2 Civilization Extinction (examples: worst-case global warming, significant asteroid impact, early-era molecular nanotech warfare)
Global civilization destroyed; millions (at most) remain alive, in isolated locations, with ongoing death rate likely exceeding birth rate. Chance of humankind recovery: slim. Many non-human species die off, but some remain and, over time, begin to expand and diverge. Chance of biosphere recovery: good.
3a Human Extinction-Engineered (examples: targeted nano-plague, engineered sterility absent radical life extension)
Global civilization destroyed; all humans dead. Conditions triggering this are human-specific, so other species are, for the most part, unaffected. Chance of humankind recovery: nil. Chance of biosphere recovery: excellent.
3b Human Extinction-Natural (examples: major asteroid impact, methane clathrates melt)
Global civilization destroyed; all humans dead. Conditions triggering this are general and global, so other species are greatly affected, as well.
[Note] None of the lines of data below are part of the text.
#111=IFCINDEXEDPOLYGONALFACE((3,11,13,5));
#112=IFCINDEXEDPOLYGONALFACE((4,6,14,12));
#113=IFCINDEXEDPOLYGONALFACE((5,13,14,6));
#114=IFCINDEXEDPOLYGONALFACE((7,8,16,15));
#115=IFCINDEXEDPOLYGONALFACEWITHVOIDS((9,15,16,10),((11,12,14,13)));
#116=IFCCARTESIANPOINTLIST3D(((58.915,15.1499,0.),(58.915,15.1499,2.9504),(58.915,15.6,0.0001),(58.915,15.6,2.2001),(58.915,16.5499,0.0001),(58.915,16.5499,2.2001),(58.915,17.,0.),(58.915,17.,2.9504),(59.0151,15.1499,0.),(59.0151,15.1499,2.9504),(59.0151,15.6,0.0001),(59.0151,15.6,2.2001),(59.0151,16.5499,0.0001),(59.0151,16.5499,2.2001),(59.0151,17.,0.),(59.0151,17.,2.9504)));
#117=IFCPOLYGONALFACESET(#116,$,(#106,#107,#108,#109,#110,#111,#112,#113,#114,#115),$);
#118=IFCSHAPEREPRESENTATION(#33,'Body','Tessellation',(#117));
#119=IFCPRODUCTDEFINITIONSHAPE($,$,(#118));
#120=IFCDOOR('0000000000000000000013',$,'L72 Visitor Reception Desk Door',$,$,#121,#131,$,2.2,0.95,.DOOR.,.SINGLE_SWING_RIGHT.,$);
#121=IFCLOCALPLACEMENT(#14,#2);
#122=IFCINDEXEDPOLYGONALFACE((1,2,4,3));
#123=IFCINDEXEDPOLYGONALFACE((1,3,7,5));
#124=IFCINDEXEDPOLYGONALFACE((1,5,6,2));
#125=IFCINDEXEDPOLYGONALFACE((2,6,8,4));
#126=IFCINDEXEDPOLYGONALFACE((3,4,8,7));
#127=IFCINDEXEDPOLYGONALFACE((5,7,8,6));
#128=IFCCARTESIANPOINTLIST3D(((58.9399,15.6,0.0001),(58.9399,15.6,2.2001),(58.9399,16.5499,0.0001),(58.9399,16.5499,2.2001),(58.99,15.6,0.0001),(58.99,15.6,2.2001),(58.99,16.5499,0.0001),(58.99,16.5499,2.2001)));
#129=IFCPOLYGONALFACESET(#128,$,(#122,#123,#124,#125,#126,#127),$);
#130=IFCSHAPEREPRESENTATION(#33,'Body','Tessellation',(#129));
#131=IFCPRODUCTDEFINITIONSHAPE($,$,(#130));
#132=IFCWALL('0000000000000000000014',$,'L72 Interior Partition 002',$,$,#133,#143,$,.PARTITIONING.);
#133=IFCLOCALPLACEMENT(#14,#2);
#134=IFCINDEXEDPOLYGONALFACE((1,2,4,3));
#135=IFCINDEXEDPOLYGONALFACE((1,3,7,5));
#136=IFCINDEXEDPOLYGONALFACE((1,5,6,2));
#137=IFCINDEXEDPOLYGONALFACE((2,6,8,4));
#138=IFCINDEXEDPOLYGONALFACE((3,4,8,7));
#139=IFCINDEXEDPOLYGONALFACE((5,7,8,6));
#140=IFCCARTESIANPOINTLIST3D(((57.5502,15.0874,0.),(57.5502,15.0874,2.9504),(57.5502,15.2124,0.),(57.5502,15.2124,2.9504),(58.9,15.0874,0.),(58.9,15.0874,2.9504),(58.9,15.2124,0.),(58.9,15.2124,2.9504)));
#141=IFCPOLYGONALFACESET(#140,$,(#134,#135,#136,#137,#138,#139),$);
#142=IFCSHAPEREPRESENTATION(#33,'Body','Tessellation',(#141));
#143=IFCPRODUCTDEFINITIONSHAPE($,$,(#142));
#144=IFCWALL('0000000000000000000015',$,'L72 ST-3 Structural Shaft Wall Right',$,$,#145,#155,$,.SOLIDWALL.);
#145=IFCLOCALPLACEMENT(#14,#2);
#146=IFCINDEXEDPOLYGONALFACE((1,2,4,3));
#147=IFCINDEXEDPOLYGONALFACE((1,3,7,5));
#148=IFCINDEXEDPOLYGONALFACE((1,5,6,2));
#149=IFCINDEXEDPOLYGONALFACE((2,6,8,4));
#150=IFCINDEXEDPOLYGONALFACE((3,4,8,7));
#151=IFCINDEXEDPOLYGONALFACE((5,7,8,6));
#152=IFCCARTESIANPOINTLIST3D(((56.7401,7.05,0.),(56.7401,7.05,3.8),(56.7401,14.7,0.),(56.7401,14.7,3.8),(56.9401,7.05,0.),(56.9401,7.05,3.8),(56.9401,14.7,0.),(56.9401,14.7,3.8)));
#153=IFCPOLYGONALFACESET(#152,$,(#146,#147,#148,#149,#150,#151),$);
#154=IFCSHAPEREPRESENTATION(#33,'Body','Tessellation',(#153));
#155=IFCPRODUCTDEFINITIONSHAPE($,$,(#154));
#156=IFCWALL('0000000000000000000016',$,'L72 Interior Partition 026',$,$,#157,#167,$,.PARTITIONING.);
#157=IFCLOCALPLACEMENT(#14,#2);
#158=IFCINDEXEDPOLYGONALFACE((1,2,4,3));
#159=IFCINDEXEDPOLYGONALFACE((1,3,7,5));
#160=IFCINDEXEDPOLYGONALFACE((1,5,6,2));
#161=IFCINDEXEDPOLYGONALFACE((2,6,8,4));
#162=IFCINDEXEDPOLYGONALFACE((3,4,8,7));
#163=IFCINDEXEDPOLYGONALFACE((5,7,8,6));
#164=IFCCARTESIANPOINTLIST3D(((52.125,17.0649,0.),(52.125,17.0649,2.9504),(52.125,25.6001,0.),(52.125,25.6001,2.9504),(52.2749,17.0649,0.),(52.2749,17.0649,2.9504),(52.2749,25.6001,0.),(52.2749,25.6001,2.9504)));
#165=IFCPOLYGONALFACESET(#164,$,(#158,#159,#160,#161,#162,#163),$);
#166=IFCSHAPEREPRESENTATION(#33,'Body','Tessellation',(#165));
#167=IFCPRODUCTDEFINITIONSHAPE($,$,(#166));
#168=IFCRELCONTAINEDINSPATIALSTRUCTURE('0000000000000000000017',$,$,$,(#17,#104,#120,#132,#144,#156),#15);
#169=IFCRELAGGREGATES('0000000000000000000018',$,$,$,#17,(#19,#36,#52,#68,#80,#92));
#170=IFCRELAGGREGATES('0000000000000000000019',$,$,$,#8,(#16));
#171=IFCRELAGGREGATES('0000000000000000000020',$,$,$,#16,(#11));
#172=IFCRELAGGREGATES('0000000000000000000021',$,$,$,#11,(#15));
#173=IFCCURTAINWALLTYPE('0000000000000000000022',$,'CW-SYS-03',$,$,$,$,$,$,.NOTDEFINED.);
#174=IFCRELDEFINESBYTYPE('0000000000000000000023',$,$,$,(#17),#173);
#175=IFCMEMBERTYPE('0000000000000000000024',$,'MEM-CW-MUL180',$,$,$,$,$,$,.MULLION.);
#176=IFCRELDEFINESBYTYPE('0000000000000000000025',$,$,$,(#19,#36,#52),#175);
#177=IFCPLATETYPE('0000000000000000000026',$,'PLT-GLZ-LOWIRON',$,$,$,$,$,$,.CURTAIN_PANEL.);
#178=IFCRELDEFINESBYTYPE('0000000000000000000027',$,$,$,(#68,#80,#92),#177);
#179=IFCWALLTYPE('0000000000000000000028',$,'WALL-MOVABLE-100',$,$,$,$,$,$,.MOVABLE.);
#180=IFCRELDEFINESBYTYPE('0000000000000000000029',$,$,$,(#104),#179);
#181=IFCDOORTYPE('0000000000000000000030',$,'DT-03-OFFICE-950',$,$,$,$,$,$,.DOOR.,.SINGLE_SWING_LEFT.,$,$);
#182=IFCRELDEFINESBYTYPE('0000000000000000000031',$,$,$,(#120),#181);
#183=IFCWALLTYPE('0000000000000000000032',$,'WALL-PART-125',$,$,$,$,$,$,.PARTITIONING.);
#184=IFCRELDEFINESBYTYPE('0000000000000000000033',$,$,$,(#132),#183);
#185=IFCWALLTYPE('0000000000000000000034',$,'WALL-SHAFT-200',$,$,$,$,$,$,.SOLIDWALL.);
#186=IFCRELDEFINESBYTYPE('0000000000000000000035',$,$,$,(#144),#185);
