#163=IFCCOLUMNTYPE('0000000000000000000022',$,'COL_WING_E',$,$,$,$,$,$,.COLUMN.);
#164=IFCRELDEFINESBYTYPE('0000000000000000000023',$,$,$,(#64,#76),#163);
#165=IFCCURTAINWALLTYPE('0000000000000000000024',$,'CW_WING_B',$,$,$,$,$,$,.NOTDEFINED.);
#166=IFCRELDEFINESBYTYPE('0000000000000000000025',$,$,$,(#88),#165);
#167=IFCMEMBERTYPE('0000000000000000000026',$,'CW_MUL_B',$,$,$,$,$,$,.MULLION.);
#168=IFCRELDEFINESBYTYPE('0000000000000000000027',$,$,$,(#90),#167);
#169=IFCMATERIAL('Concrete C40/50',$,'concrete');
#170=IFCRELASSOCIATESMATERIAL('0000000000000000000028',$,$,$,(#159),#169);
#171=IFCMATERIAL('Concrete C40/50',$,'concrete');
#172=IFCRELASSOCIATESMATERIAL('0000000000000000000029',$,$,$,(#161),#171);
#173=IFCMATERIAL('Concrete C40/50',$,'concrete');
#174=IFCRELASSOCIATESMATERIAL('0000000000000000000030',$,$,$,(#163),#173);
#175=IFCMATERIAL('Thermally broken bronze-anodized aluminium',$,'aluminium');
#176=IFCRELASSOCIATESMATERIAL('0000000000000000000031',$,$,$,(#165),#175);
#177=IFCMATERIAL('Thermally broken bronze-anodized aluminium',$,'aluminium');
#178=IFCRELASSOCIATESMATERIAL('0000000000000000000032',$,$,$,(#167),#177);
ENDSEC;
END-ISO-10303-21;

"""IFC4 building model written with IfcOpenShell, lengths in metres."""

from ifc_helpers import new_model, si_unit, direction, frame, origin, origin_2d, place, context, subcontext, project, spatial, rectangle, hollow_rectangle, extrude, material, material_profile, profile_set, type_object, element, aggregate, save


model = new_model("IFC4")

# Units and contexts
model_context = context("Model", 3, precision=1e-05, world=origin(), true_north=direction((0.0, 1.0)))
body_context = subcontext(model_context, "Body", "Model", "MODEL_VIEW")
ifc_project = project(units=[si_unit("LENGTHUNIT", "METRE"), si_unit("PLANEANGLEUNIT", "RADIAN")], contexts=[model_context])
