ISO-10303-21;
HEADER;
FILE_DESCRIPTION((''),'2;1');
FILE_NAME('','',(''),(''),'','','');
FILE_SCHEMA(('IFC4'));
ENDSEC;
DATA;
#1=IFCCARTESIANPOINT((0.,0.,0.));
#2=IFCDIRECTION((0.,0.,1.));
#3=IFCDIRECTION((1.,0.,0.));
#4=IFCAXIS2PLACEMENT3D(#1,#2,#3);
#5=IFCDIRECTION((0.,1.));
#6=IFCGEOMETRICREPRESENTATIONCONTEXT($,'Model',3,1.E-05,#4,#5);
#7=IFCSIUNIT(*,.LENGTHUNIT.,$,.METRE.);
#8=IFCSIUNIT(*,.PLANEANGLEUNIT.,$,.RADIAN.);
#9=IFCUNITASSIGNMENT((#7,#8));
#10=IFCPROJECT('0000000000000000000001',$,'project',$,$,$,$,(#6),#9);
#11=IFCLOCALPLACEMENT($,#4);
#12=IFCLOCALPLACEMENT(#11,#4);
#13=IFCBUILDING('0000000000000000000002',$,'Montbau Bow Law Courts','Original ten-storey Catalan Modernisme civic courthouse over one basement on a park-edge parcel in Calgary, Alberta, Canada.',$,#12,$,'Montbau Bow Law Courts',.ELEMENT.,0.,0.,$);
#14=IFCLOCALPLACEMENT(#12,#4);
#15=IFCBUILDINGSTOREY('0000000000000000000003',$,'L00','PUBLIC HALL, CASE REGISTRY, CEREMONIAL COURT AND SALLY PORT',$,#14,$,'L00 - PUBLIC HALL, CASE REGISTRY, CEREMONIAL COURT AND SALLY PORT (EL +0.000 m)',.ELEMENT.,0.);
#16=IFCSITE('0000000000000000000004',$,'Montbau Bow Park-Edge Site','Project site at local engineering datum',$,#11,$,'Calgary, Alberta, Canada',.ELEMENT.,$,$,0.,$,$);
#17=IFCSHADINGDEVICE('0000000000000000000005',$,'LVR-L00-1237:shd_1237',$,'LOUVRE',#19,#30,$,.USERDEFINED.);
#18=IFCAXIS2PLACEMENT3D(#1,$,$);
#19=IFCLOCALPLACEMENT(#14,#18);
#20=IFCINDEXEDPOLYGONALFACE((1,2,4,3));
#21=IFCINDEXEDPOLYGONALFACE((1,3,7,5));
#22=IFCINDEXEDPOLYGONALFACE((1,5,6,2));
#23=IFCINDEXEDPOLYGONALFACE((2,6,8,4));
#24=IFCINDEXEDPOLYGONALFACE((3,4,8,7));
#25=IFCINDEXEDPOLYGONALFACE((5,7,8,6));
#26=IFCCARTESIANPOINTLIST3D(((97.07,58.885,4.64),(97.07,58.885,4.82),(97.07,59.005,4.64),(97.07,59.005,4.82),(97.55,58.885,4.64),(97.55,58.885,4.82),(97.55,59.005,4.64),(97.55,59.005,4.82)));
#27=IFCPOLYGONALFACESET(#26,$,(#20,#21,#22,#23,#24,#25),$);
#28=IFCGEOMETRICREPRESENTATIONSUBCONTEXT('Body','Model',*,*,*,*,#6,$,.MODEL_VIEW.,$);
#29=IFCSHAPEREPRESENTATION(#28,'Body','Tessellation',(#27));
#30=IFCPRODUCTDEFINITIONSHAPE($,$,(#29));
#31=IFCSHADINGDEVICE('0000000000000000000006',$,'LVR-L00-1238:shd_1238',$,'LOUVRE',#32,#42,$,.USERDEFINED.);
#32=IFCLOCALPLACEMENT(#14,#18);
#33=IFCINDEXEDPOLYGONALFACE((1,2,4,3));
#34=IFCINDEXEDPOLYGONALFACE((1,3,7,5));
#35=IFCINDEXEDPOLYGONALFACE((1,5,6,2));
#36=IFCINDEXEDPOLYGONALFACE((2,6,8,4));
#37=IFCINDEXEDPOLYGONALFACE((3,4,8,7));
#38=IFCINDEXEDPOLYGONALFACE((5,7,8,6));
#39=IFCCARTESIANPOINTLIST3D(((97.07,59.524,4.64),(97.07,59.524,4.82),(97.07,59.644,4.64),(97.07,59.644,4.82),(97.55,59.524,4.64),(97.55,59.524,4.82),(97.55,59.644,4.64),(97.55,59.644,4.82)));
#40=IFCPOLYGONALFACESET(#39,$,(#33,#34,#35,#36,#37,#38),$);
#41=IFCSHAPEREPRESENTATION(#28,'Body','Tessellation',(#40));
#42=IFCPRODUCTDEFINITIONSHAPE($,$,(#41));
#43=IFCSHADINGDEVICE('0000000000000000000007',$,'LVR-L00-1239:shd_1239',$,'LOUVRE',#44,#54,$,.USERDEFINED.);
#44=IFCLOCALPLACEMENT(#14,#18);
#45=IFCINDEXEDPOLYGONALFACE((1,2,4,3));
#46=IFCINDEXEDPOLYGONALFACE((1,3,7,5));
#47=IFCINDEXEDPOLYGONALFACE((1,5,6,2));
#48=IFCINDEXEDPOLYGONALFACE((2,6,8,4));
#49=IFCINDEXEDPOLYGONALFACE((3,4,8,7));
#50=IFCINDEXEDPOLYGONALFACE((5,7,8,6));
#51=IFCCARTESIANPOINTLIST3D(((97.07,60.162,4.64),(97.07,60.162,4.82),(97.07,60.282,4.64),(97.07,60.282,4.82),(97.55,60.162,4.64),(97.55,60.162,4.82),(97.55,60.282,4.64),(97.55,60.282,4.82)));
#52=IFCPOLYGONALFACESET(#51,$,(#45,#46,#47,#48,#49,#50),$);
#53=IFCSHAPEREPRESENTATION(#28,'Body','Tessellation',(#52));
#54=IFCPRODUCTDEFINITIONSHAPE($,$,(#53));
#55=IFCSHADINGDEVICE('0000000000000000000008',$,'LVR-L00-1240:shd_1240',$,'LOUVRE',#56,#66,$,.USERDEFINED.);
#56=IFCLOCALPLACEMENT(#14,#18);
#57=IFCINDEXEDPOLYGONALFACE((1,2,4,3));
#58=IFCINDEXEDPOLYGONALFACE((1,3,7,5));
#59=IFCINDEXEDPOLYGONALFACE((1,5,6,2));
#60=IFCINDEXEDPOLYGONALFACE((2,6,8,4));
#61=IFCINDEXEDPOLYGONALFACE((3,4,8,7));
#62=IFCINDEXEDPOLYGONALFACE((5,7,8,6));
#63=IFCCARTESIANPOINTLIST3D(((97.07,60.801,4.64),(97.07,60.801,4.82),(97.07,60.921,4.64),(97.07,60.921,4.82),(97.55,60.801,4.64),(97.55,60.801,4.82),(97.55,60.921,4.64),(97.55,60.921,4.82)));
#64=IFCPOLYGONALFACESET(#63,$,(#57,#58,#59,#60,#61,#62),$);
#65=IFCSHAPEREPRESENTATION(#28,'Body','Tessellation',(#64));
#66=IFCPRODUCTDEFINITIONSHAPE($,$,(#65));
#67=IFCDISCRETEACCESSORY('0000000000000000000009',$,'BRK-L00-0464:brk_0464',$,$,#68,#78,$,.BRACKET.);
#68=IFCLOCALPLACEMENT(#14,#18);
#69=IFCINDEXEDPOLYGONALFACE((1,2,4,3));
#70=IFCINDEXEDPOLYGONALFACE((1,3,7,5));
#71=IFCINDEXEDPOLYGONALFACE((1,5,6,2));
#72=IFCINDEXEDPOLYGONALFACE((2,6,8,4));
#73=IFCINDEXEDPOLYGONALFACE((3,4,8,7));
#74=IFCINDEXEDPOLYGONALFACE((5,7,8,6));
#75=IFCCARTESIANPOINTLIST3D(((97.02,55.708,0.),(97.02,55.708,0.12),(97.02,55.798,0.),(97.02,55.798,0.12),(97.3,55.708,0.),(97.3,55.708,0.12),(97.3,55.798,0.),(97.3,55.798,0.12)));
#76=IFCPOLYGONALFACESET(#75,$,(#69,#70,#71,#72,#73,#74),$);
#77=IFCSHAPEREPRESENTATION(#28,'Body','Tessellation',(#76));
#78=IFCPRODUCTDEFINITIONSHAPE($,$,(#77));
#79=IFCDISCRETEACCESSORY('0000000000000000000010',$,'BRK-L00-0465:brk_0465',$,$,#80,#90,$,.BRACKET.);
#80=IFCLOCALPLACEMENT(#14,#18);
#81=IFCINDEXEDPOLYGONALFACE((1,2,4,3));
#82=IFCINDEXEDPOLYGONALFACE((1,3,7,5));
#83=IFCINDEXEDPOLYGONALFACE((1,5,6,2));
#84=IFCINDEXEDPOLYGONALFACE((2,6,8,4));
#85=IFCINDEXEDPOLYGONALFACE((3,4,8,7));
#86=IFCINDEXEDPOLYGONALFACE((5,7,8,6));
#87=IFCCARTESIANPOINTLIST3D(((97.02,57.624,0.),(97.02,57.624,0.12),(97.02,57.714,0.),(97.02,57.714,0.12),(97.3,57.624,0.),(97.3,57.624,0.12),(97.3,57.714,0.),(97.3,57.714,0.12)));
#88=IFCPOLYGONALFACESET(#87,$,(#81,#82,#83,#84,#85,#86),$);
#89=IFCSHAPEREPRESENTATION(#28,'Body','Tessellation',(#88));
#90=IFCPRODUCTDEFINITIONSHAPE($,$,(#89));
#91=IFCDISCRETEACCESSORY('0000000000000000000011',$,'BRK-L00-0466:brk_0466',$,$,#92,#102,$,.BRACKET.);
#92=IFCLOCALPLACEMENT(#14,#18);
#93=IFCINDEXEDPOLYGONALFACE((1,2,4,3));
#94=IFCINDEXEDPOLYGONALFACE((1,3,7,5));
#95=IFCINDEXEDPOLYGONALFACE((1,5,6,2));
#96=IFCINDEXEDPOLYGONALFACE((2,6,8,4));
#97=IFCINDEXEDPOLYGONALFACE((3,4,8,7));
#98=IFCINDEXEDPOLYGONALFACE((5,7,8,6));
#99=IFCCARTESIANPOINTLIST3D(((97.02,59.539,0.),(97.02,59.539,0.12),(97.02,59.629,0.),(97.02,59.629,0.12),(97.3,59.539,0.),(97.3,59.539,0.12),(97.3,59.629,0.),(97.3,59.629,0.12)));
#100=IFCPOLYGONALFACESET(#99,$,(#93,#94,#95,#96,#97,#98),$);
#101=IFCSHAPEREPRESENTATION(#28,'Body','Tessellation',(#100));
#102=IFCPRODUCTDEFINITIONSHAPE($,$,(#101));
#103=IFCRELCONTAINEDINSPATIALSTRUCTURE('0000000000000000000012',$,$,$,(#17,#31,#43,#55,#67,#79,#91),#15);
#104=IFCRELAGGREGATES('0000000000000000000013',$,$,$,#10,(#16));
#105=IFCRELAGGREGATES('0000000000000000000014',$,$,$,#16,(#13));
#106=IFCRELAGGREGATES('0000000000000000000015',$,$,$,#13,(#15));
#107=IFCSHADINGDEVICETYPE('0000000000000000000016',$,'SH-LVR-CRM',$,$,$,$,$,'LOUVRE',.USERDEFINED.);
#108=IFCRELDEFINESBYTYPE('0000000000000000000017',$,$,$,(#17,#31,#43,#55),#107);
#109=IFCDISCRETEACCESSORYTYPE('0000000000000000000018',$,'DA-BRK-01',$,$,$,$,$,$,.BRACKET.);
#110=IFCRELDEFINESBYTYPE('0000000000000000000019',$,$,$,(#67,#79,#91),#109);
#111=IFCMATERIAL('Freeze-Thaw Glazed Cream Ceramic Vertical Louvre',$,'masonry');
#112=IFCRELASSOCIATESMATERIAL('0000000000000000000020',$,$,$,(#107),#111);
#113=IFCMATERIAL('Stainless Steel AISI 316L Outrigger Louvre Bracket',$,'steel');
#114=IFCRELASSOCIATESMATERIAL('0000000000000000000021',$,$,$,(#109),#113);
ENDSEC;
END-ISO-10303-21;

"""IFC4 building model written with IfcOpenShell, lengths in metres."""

from ifc_helpers import new_model, si_unit, direction, frame, origin_with_axes, origin_2d_with_axis, place, context, subcontext, project, spatial, rectangle, extrude, material, type_object, element, save


model = new_model("IFC4")

# Units and contexts
model_context = context("Model", 3, precision=1e-05, world=origin_with_axes(), true_north=direction((0.0, 1.0)))
body_context = subcontext(model_context, "Body", "Model", "MODEL_VIEW")
ifc_project = project(units=[si_unit("LENGTHUNIT", "METRE"), si_unit("PLANEANGLEUNIT", "RADIAN")], contexts=[model_context])

# Site, building, storey
site_placement = place(None, origin_with_axes())
site = spatial("IfcSite", under=ifc_project, at=site_placement, Name="Montbau Bow Park-Edge Site", Description="Project site at local engineering datum", LongName="Calgary, Alberta, Canada", CompositionType="ELEMENT", RefElevation=0.0)
building_placement = place(site_placement, origin_with_axes())
building = spatial("IfcBuilding", under=site, at=building_placement, Name="Montbau Bow Law Courts", Description="Original ten-storey Catalan Modernisme civic courthouse over one basement on a park-edge parcel in Calgary, Alberta, Canada.", LongName="Montbau Bow Law Courts", CompositionType="ELEMENT", ElevationOfRefHeight=0.0, ElevationOfTerrain=0.0)
storey_placement = place(building_placement, origin_with_axes())
storey = spatial("IfcBuildingStorey", under=building, at=storey_placement, Name="L00", Description="PUBLIC HALL, CASE REGISTRY, CEREMONIAL COURT AND SALLY PORT", LongName="L00 - PUBLIC HALL, CASE REGISTRY, CEREMONIAL COURT AND SALLY PORT (EL +0.000 m)", CompositionType="ELEMENT", Elevation=0.0)

# Shading devices
ifc_material_1 = material(Name="Freeze-Thaw Glazed Cream Ceramic Vertical Louvre", Category="masonry")
shading_device_type = type_object("IfcShadingDeviceType", Name="SH-LVR-CRM", ElementType="LOUVRE", PredefinedType="USERDEFINED", material=ifc_material_1)
for number, where, z_axis, x_axis, name in (
    (1, (97.31, 58.945, 4.64), (0.0, 0.0, 1.0), (1.0, 0.0, 0.0), "LVR-L00-1237:shd_1237"),
    (2, (97.31, 59.584, 4.64), (0.0, 0.0, 1.0), (1.0, 0.0, 0.0), "LVR-L00-1238:shd_1238"),
    (3, (97.31, 60.222, 4.64), (0.0, 0.0, 1.0), (1.0, 0.0, 0.0), "LVR-L00-1239:shd_1239"),
    (4, (97.31, 60.861, 4.64), (0.0, 0.0, 1.0), (1.0, 0.0, 0.0), "LVR-L00-1240:shd_1240"),
):
    element("IfcShadingDevice", number, at=place(None, frame(where, z_axis=z_axis, x_axis=x_axis)), inside=storey, type_object=shading_device_type, Name=name, ObjectType="LOUVRE", PredefinedType="USERDEFINED", context=body_context, shape_type="SweptSolid", body=[
        extrude(rectangle(XDim=0.48, YDim=0.12, at=origin_2d_with_axis()), origin_with_axes(), (0.0, 0.0, 1.0), 0.18),
    ])

# Discrete accessories
ifc_material_2 = material(Name="Stainless Steel AISI 316L Outrigger Louvre Bracket", Category="steel")
discrete_accessory_type = type_object("IfcDiscreteAccessoryType", Name="DA-BRK-01", PredefinedType="BRACKET", material=ifc_material_2)
for number, where, z_axis, x_axis, name in (
    (5, (97.16, 55.753, 0.0), (0.0, 0.0, 1.0), (1.0, 0.0, 0.0), "BRK-L00-0464:brk_0464"),
    (6, (97.16, 57.669, 0.0), (0.0, 0.0, 1.0), (1.0, 0.0, 0.0), "BRK-L00-0465:brk_0465"),
    (7, (97.16, 59.584, 0.0), (0.0, 0.0, 1.0), (1.0, 0.0, 0.0), "BRK-L00-0466:brk_0466"),
):
    element("IfcDiscreteAccessory", number, at=place(None, frame(where, z_axis=z_axis, x_axis=x_axis)), inside=storey, type_object=discrete_accessory_type, Name=name, PredefinedType="BRACKET", context=body_context, shape_type="SweptSolid", body=[
        extrude(rectangle(XDim=0.28, YDim=0.09, at=origin_2d_with_axis()), origin_with_axes(), (0.0, 0.0, 1.0), 0.12),
    ])

save(model, "model.ifc")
Chance of humankind recovery: nil. Chance of biosphere recovery: moderate.
4 Biosphere Extinction (examples: massive asteroid impact, "iceball Earth" reemergence, late-era molecular nanotech warfare)
Global civilization destroyed; all humans dead. Biosphere massively disrupted, with the wholesale elimination of many niches. Chance of humankind recovery: nil. Chance of biosphere recovery: slim. Chance of eventual re-emergence of organic life: good.
5 Planetary Extinction (examples: dwarf-planet-scale asteroid impact, nearby gamma-ray burst)
Global civilization destroyed; all humans dead. Biosphere effectively destroyed; all species extinct. Geophysical disruption sufficient to prevent or greatly hinder re-emergence of organic life.
X Planetary Elimination (example: post-Singularity beings disassemble planet to make computronium)
Global civilization destroyed; all humans dead. Ecosystem destroyed; all species extinct. Planet itself destroyed.

One last quote from Jamais, this one on the topic of geoethics - for those who decide that re-terraforming earth is the solution to global warming (this is one area where I go all luddite and say - please don't do this...).
The pace and course of global warming-induced climate disruption is such that, even with an aggressive global effort to cut greenhouse gas output starting today, temperatures will continue to rise for two or three decades. If the effect of rising temperatures hits a "tipping point" resulting in far-more-radical changes to the Earth's ecosystems than one might otherwise expect, we may be forced into using riskier, planetary-scale engineering projects to mitigate the changes and return us to "Earth-like" conditions. In Terraforming Earth, I looked at some of the proposals for large-scale reversals of temperature increases and CO2 buildup; In Terraforming Earth, Part II, I looked at the complexities of bioengineered adjustment instead of geoengineered mitigation.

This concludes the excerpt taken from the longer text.